I just purchased a 2004 Nissan Murano SL AWD on 2/7/11. While driving it this past Tuesday, the brake light, ABS light and AWD light suddenly illuminated. I promptly parked the car, turned it off and waited a few minutes. When I restarted it, all lights went off. This morning, I went outside to warm it up before taking my boys to school. As soon as I cranked it up, those 3 lights came on & stayed on. I was going to attempt to drive it anyway, but noticed the speedometer gauge/hand isn't working, so I turned it around & parked it. We've taken the battery cables off to try and "reset" the car's computer, but this did not work. (I read that suggestion on a different web site.)

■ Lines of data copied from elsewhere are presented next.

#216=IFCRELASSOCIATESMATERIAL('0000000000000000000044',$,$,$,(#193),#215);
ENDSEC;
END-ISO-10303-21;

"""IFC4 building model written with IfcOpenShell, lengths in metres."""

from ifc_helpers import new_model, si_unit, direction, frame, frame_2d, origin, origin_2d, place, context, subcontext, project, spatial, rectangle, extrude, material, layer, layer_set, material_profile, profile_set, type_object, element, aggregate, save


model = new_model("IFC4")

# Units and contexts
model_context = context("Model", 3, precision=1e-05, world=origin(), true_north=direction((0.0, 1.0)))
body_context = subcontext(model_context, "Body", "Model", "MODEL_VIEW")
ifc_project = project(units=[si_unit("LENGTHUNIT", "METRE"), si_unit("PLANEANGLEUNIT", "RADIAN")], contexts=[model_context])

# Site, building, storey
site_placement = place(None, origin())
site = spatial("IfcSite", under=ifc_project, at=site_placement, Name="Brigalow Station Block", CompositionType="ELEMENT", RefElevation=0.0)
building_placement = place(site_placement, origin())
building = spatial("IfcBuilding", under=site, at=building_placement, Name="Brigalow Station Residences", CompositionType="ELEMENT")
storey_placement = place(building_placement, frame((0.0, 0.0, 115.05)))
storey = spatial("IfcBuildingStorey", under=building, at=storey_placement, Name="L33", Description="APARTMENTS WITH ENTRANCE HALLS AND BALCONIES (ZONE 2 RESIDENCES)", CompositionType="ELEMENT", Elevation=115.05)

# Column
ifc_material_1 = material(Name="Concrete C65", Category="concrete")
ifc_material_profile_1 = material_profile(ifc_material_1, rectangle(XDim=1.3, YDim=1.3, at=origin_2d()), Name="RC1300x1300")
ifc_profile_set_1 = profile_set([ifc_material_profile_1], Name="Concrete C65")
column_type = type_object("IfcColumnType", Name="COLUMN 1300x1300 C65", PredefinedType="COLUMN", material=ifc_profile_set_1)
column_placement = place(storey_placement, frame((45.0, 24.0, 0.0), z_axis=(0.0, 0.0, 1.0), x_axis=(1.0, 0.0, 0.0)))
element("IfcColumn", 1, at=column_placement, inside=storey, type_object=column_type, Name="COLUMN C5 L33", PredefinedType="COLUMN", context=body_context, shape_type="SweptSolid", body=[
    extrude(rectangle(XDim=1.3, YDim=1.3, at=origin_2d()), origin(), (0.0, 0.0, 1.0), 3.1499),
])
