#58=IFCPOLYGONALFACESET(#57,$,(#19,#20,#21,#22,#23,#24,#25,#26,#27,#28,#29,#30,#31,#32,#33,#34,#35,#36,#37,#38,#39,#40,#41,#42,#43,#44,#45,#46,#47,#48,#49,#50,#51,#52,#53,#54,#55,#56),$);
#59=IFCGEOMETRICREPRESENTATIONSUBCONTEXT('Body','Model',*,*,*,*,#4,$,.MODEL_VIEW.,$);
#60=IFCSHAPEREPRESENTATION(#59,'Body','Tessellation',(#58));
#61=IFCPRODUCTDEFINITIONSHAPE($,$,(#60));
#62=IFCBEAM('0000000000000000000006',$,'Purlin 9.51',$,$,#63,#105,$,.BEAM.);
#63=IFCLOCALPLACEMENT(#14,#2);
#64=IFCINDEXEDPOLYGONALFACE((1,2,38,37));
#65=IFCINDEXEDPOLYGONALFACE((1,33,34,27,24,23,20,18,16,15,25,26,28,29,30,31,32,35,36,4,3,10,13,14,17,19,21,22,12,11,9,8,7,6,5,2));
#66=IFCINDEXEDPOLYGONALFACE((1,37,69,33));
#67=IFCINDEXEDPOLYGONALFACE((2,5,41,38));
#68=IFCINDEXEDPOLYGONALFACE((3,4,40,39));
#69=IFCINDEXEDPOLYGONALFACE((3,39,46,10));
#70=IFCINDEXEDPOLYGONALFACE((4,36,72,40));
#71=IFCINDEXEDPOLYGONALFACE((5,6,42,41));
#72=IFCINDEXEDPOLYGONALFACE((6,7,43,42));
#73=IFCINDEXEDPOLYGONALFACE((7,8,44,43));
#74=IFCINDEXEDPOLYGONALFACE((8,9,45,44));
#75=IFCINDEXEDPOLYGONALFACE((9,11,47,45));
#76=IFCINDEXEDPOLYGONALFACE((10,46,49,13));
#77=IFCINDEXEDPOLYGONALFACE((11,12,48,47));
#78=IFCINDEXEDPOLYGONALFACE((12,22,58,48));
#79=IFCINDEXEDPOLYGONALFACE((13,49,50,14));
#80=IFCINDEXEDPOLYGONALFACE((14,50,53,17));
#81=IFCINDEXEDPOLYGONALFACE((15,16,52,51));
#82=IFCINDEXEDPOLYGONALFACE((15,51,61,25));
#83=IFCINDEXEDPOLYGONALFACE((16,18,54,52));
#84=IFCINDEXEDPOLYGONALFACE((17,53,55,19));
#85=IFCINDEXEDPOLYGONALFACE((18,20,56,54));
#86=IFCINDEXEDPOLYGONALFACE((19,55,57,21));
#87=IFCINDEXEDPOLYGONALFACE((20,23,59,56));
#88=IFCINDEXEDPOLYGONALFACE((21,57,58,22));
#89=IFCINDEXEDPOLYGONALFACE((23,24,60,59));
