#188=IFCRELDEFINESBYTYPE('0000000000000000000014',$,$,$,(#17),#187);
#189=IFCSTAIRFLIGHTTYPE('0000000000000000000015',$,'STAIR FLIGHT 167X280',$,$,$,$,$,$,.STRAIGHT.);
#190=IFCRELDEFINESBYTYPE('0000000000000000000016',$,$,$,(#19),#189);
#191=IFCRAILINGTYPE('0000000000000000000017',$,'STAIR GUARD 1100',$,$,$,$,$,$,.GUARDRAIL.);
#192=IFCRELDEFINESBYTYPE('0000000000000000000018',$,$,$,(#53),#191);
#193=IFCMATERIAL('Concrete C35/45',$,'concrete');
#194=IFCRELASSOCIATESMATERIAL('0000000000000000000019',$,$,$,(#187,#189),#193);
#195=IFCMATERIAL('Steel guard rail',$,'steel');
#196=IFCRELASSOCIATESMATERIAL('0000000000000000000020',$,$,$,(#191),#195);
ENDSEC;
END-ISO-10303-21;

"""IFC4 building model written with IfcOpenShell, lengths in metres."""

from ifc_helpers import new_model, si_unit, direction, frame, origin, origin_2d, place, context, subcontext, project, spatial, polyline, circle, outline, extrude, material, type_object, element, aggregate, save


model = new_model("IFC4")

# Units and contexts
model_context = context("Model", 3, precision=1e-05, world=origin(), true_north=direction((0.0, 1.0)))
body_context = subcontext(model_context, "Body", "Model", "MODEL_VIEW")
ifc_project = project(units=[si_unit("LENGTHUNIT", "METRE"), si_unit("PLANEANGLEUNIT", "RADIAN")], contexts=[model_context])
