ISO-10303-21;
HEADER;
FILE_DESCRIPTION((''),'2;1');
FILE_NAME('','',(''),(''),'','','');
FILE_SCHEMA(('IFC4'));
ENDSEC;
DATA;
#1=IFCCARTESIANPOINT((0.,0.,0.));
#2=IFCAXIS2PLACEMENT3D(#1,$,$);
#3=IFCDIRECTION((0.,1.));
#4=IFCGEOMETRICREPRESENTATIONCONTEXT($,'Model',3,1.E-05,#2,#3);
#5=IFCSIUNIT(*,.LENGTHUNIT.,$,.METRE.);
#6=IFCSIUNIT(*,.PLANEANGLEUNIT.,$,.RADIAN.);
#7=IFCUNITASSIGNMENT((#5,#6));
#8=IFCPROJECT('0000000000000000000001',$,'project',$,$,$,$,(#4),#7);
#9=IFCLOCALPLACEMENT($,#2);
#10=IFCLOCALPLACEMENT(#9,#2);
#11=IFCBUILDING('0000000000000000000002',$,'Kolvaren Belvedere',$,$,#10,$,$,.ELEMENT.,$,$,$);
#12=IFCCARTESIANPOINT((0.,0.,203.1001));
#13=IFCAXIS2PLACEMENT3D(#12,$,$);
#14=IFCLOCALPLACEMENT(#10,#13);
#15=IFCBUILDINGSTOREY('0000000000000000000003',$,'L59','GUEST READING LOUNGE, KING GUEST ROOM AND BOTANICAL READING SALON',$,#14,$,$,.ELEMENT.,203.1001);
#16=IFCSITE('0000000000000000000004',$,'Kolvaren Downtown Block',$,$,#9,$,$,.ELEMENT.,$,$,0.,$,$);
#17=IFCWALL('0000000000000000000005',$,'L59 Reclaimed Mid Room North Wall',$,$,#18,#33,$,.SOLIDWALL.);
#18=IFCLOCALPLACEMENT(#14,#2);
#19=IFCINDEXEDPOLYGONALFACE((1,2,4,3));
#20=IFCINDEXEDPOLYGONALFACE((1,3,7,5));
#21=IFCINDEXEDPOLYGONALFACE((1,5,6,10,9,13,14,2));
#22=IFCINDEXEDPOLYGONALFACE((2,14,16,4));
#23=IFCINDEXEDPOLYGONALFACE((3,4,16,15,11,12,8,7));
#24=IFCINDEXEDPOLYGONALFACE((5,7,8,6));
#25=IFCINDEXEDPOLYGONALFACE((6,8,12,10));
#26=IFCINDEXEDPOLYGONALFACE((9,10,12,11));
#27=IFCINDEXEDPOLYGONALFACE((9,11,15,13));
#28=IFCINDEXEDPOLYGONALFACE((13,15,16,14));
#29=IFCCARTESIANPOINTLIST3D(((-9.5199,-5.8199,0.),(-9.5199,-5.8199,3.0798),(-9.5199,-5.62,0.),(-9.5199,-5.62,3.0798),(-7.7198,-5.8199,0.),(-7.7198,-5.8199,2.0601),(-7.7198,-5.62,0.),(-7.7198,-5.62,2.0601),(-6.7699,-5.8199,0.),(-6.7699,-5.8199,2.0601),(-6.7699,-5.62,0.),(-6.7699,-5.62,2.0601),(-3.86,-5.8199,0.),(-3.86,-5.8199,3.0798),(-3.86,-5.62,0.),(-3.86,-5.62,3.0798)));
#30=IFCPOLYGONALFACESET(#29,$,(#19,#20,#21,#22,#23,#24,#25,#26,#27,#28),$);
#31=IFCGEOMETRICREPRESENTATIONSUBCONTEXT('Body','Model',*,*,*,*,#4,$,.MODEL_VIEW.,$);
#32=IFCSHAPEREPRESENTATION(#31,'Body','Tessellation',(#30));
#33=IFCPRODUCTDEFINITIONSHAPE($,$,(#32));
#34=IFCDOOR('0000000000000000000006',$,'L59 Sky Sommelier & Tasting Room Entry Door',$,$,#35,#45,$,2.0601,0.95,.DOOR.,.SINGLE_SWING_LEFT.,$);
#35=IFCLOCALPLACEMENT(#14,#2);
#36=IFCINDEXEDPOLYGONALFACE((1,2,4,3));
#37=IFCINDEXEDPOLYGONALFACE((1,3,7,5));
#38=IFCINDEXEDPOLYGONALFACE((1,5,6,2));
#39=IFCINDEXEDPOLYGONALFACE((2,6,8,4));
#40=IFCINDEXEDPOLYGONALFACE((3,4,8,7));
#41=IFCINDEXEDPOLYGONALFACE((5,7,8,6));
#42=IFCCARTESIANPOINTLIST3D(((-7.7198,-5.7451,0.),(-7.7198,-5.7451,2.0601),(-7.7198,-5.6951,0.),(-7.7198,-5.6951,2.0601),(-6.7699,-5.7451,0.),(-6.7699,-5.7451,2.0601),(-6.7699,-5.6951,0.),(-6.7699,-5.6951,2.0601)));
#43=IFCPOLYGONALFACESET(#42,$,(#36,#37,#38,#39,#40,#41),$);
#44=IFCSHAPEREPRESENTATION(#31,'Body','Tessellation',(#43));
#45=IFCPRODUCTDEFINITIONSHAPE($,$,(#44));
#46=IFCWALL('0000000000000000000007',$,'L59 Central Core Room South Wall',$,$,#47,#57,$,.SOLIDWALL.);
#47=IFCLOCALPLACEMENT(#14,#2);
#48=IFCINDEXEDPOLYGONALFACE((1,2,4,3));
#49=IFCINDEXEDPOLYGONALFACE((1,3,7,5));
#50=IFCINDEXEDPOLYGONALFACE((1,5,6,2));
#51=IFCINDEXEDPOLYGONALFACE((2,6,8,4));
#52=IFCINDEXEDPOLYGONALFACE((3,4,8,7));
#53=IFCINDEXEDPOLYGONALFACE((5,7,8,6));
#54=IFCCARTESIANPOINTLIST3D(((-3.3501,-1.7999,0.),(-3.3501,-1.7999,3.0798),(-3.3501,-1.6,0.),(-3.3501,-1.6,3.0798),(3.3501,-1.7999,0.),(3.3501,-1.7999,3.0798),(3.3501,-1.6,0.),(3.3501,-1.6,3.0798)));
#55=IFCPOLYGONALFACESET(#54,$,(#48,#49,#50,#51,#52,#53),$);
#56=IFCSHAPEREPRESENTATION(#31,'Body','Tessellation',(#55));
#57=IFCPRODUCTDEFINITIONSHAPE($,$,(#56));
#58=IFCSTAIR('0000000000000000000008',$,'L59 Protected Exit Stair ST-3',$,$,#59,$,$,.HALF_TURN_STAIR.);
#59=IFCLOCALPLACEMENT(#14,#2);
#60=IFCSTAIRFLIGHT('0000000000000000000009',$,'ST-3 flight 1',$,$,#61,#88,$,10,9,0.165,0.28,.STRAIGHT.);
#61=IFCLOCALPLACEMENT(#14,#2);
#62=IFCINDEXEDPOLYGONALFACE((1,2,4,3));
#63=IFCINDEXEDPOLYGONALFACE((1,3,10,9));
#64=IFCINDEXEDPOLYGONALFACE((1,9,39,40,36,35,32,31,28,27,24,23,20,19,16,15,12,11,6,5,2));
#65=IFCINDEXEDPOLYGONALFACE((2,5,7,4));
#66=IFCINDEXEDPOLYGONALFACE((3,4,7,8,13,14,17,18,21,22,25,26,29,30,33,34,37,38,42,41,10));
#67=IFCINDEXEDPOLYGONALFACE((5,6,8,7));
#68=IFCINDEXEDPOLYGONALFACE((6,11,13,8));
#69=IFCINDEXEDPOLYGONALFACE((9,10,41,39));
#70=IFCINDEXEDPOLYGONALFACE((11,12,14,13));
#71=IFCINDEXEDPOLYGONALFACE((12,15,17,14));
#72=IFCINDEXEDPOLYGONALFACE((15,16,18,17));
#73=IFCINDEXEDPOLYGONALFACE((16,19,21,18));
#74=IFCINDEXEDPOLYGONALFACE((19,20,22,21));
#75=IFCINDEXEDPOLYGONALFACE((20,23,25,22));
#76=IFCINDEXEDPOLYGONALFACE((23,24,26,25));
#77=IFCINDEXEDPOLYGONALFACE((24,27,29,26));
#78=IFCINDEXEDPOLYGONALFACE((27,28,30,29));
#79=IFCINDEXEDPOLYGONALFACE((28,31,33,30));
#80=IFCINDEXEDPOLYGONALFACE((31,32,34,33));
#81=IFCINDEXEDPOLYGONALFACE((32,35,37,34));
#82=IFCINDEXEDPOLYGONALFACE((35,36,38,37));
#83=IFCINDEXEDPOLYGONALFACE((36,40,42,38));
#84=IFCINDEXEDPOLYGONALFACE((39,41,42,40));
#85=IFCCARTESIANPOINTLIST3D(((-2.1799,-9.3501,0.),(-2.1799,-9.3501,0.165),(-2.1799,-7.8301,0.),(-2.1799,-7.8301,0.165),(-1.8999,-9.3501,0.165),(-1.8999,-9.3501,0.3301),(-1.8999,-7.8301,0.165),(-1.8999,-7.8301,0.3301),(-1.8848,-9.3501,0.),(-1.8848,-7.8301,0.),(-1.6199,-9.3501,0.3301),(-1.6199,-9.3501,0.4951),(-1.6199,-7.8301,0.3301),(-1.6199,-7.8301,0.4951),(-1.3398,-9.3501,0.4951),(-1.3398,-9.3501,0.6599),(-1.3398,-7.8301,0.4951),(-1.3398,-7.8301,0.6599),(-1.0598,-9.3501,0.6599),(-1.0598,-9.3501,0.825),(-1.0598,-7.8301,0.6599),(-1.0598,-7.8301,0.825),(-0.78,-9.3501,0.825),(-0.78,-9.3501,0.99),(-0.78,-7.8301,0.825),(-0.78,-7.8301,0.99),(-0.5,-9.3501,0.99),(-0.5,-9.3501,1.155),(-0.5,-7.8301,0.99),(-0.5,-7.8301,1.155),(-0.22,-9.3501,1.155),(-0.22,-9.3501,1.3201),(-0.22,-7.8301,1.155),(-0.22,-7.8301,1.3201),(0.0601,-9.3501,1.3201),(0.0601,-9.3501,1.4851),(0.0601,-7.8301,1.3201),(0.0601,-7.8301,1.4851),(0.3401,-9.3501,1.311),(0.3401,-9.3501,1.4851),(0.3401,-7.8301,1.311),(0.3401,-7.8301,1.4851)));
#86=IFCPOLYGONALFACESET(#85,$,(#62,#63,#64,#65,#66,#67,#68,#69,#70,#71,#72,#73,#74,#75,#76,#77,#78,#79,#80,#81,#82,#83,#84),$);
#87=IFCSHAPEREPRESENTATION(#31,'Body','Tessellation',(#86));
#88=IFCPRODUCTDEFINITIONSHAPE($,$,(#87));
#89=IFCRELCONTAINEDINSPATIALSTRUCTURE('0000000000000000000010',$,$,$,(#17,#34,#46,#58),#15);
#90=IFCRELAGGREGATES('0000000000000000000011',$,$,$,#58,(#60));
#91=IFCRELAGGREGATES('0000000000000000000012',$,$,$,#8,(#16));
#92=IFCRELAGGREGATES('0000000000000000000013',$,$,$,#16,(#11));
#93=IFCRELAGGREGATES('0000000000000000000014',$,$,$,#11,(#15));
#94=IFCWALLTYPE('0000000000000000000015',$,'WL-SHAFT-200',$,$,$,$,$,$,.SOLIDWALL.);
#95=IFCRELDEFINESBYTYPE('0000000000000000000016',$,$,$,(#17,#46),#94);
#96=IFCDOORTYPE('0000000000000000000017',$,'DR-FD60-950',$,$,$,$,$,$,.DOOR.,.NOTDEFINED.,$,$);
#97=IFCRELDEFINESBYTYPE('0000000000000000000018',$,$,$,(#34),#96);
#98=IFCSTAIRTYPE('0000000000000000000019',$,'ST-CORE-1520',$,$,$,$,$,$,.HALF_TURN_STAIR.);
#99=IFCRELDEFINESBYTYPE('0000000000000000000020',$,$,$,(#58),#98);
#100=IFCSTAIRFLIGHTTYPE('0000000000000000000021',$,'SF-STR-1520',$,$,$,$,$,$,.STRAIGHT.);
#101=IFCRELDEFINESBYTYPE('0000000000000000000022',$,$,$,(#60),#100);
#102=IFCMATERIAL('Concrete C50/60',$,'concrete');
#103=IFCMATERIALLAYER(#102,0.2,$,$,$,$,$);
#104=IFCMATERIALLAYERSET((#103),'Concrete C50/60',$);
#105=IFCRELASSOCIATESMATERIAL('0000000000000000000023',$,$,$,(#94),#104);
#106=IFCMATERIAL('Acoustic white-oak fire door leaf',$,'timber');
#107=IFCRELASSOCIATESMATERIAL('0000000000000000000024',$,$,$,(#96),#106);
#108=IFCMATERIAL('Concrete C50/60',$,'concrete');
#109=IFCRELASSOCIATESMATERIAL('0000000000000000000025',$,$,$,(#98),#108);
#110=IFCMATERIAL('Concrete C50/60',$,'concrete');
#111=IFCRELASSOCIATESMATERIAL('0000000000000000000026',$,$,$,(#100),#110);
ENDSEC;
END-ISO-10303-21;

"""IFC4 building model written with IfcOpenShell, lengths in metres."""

from ifc_helpers import new_model, si_unit, direction, frame, frame_2d, origin, place, context, subcontext, project, spatial, polyline, rectangle, outline, extrude, material, layer, layer_set, type_object, element, fill, aggregate, save


model = new_model("IFC4")

# Units and contexts
model_context = context("Model", 3, precision=1e-05, world=origin(), true_north=direction((0.0, 1.0)))
body_context = subcontext(model_context, "Body", "Model", "MODEL_VIEW")
ifc_project = project(units=[si_unit("LENGTHUNIT", "METRE"), si_unit("PLANEANGLEUNIT", "RADIAN")], contexts=[model_context])

# Site, building, storey
site_placement = place(None, origin())
site = spatial("IfcSite", under=ifc_project, at=site_placement, Name="Kolvaren Downtown Block", CompositionType="ELEMENT", RefElevation=0.0)
building_placement = place(site_placement, origin())
building = spatial("IfcBuilding", under=site, at=building_placement, Name="Kolvaren Belvedere", CompositionType="ELEMENT")
storey_placement = place(building_placement, frame((0.0, 0.0, 203.1001)))
storey = spatial("IfcBuildingStorey", under=building, at=storey_placement, Name="L59", Description="GUEST READING LOUNGE, KING GUEST ROOM AND BOTANICAL READING SALON", CompositionType="ELEMENT", Elevation=203.1001)

# Shared definitions
ifc_material_1 = material(Name="Concrete C50/60", Category="concrete")
ifc_layer_1 = layer(ifc_material_1, 0.2)
ifc_layer_set_1 = layer_set([ifc_layer_1], Name="Concrete C50/60")
wall_type_1 = type_object("IfcWallType", Name="WL-SHAFT-200", PredefinedType="SOLIDWALL", material=ifc_layer_set_1)
ifc_material_2 = material(Name="Acoustic white-oak fire door leaf", Category="timber")
door_type_1 = type_object("IfcDoorType", Name="DR-FD60-950", OperationType="NOTDEFINED", PredefinedType="DOOR", material=ifc_material_2)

Just a short while ago, I decided I'd take it to AutoZone & have them check for any error codes. On my way to AutoZone, the "Service Engine Soon" light illuminated! The ONLY error code my Murano gave is P0507 - "Idle speed control system RPM higher than expected." Driving the vehicle home was a workout! It is pretty much crawling at this point, and every time I'd start to go down a hill, the vehicle would gear way down, rev up the RPMs, and lurk me forward!!! 

PLEASE help!! Thank you!
:newbie:


----------



## Outkast (Jan 29, 2006)

The CVT's run off the TPS signal in the ETB assembly, if it doesn't see that signal the trans goes into limp mode. If it doesn't see the stop lamp switch it'll do the same thing. Nissans ETB's are very tempromental about being cleaned with a direct spray of TB cleaners, usually shorting the intake air temp sensor. When they go bad that's usually the code you'll get.


----------